Forest Service funding keeps declining
By the numbers:
52 percent: Portion of the 2015 U.S. Forest Service budget dedicated to wildfire fighting.
16 percent: Portion of the 1996 U.S. Forest Service budget dedicated to wildfire efforts.
50 percent: Decline in the White River National Forest budget from 2008 to 2015.
30 percent: Decline in the White River National Forest’s full-time staff in that time.
EAGLE COUNTY — Trees don’t vote. If they did, the U.S. Forest Service wouldn’t be facing the kind of budget crunch it does.
The numbers are daunting: Since 2008, the budget of the White River National Forest — which includes the Eagle and Holy Cross ranger districts in this part of Eagle County — has dropped by 50 percent, from about $30 million to about $15 million per year.
The decline is due almost entirely to the amount of money the Forest Service puts into firefighting these days. Since 1998, firefighting has consumed an ever-greater portion of the agency’s budget, growing from 16 percent to 52 percent of Forest Service spending each year. That decline comes although the White River National Forest hasn’t yet been struck by the gigantic fires seen elsewhere on the nation’s public lands — the problem is that as firefighting costs grow, the money is siphoned out of the budget of every office.
That loss of money has affected virtually every other operation run by local and regional offices.
Aaron Mayville, the interim district ranger for the Eagle and Holy Cross ranger districts, said those offices have about one-third fewer employees than they did just a few years ago.
Just as an example, the White River National Forest once had several law enforcement officers — rangers who are also police officers — to help keep the peace on the forest. Today there are three. One of those officers works the combined Eagle, Holy Cross and Aspen ranger districts. That’s about 1.5 million acres.
The lack of people also affects how much work can be done in the forests. And, with nearly 2.5 million acres and as many as 15 million visitors per year — more than the combined annual visitors to Yellowstone, Yosemite and Grand Canyon national parks — there’s a lot of work to do.
Local helping hands
That’s why forest users have lent a number of helping hands.
The most recent effort was put together by the Vail Valley Mountain Bike Association and the Vail Valley Trails Connection. Those groups reached out to communities, including towns and metropolitan districts, as well as private donors via a GoFundMe page on the internet. In about 10 weeks, the groups raised around $50,000 to fund a seasonal employee who will help coordinate trail maintenance and restoration efforts.
Lee Rimel, who has worked with both community groups and the Forest Service, said that work will also include restoring unauthorized trails in order to keep people from using them.
“It’s a major part of this work to eliminate those trails,” Rimel said.
While raising $50,000 in a matter of weeks is a big step, Rimel said the fact the money came so quickly is no surprise.

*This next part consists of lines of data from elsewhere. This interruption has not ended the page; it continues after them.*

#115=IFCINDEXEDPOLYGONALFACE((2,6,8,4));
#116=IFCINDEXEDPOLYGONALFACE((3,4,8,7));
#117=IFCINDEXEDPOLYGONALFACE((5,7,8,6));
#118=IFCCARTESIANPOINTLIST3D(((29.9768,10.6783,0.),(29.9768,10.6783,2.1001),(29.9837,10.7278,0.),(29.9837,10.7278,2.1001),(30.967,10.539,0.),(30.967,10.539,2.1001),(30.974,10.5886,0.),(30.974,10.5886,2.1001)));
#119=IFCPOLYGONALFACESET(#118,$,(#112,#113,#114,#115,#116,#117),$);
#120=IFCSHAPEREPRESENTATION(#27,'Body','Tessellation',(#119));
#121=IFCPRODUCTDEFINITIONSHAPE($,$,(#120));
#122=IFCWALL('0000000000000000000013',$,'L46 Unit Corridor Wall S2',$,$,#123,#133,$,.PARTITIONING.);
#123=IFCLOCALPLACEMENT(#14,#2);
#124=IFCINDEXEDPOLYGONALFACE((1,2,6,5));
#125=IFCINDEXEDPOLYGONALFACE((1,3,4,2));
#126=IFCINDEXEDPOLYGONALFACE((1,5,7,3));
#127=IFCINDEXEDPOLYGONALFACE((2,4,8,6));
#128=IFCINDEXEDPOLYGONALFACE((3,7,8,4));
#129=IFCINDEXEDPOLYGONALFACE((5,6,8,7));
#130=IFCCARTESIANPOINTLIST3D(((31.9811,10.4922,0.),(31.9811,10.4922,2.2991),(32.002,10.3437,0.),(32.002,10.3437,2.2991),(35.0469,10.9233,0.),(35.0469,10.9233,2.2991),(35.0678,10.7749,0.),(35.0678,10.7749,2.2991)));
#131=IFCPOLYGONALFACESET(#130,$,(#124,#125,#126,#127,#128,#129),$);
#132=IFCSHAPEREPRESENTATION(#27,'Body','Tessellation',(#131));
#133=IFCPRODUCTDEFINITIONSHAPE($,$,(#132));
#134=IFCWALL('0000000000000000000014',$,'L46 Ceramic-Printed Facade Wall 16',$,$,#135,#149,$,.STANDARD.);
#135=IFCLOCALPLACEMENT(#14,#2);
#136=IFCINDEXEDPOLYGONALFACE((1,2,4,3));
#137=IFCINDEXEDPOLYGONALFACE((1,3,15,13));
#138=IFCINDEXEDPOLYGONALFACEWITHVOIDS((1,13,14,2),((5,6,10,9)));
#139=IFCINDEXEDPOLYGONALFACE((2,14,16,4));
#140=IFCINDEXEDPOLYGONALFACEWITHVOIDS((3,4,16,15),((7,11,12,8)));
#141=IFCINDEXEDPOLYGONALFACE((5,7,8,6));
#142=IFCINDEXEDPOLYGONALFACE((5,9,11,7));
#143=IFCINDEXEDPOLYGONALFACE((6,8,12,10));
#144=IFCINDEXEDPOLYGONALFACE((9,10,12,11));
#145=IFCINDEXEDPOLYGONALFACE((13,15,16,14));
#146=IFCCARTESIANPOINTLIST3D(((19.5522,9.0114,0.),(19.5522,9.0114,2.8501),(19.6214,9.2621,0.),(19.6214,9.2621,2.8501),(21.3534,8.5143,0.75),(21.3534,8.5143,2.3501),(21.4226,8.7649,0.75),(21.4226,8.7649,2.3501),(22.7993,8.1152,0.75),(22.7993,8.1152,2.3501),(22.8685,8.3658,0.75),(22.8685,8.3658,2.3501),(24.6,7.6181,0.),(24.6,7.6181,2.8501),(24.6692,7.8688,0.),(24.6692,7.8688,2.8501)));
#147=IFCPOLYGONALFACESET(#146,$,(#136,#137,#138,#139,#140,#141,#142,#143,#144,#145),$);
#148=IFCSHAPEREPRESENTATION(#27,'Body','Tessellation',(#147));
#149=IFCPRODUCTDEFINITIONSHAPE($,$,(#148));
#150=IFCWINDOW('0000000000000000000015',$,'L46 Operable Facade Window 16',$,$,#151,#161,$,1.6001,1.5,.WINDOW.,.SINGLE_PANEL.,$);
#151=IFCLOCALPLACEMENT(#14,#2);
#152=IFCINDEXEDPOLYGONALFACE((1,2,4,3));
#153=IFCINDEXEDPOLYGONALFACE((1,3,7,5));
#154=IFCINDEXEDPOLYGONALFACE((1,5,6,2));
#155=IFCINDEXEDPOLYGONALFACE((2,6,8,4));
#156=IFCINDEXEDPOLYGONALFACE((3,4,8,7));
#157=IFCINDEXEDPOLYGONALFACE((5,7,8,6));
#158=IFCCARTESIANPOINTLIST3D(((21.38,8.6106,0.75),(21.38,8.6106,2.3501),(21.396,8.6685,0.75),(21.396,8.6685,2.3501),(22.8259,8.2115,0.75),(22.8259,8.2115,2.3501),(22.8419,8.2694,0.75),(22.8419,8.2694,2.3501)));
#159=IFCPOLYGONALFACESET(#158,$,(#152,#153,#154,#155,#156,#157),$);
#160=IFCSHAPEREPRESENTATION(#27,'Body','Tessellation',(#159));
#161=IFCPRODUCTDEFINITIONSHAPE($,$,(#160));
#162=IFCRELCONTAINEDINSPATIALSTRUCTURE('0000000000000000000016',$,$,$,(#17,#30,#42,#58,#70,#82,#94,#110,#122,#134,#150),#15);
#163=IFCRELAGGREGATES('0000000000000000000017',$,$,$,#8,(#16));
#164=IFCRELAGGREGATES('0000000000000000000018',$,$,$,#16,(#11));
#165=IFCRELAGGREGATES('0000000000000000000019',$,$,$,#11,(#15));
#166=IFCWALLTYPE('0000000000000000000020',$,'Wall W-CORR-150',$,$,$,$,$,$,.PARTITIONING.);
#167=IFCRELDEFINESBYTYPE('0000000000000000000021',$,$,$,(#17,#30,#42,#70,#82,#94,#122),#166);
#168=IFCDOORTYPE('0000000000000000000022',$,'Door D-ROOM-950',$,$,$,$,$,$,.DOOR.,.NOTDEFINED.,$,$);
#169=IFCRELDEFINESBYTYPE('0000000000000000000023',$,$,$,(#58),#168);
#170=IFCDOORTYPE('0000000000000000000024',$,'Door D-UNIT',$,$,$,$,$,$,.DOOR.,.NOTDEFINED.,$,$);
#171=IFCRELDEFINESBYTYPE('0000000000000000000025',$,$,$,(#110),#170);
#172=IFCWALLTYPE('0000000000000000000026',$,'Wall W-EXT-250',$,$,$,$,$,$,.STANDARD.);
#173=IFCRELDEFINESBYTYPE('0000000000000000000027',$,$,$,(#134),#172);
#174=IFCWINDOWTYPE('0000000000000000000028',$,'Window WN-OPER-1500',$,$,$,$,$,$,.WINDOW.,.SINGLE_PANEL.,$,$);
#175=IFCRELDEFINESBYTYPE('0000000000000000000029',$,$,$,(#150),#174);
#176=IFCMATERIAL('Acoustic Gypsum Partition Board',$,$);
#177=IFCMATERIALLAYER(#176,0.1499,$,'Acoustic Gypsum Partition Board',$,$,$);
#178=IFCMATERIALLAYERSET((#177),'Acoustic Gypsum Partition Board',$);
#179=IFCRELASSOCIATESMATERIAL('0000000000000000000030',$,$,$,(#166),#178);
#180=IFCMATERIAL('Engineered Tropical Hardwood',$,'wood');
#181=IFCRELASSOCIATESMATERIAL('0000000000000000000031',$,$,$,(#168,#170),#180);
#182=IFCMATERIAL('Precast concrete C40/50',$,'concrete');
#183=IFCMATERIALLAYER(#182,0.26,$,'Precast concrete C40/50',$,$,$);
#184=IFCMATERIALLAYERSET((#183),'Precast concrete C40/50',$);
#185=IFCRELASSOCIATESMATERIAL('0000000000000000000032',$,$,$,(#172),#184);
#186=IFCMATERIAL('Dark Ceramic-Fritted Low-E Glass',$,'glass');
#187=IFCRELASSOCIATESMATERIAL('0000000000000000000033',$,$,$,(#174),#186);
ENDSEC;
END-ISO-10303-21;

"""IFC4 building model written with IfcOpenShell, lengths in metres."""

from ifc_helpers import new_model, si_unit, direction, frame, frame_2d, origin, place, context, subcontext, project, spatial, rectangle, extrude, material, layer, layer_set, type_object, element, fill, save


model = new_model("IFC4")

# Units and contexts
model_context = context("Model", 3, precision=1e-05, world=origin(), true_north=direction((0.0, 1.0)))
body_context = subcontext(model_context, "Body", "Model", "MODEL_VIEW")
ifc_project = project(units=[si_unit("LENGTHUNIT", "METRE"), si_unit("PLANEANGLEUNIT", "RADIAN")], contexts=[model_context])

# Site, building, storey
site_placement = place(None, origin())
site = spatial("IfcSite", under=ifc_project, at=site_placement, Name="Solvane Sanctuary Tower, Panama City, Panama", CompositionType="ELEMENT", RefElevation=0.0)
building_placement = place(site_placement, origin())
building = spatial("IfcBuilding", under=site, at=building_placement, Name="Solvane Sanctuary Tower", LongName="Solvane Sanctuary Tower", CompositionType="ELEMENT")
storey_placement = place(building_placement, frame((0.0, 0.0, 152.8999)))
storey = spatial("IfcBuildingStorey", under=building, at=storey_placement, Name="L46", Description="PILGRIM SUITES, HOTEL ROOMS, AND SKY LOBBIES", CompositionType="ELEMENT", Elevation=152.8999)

“Our challenge going forward is to continue raising funds to supplement the Forest Service budget so they can continue to hire a ranger who can focus on trails,” Rimel said. Ideally, that person would work full time, Rimel said. But that would require more funding.
The work on the forest isn’t just on the nearly 600 miles of trails in the local forests. Above Red Cliff, a team of 40 groups and individuals has been working with the Forest Service to restore the Camp Hale area.
That valley was home to the 10th Mountain Division during World War II and for several years after. To make a home to train soldiers, the Army Corps of Engineers straightened the Eagle River and drained wetlands. There’s also still a good bit of unexploded ordnance in the nearby hillsides, and many of the buildings used asbestos insulation. In short, it’s an ecological mess.
A $30 million bill?
The Forest Service, the National Forest Foundation and other groups are working on a plan to put the meander back into the river, create as much as 300 acres of new wetlands and clean up other environmental damage on and around the old base.
The work for that plan will be expensive. Marcus Selig, regional director of the National Forest Foundation, said the price tag could be anywhere between $10 million and $30 million. The Forest Service simply doesn’t have that kind of money.
Selig said fundraising will focus on private and corporate donors, but he acknowledged that people may not be willing to open their wallets quite that wide.
The Forest Service could become a major player in the Camp Hale effort if it could keep the roughly $10 million per year in profit it generates, mostly from ski area fees. Now, that money goes straight in the general treasury, although Mayville said there are efforts in Congress to help free up more money for the agency.
Until that happens, the Forest Service will have to rely on community help.
Kim Langmaid, founder of Walking Mountains Science Center, said those partnerships are critical to Forest Service operations. That help includes Walking Mountains’ contributions to educational aspects of Epic Discovery, Vail Resorts’ summer program.
Those efforts might just help more people understand the importance of public land management.
“We all have a role to play,” in working to adequately fund the Forest Service, Langmaid said. “As we grow and develop, we’re using those natural resources more, and all of that needs to be supported by a well-staffed Forest Service.”
The need for that kind of help is frustrating for Mayville and others.
“On one hand, it’s a shame (to need outside help),” Mayville said. “On the other, it’s a wonderful example of citizenship, people who love the land and who are putting their money where their mouth is.”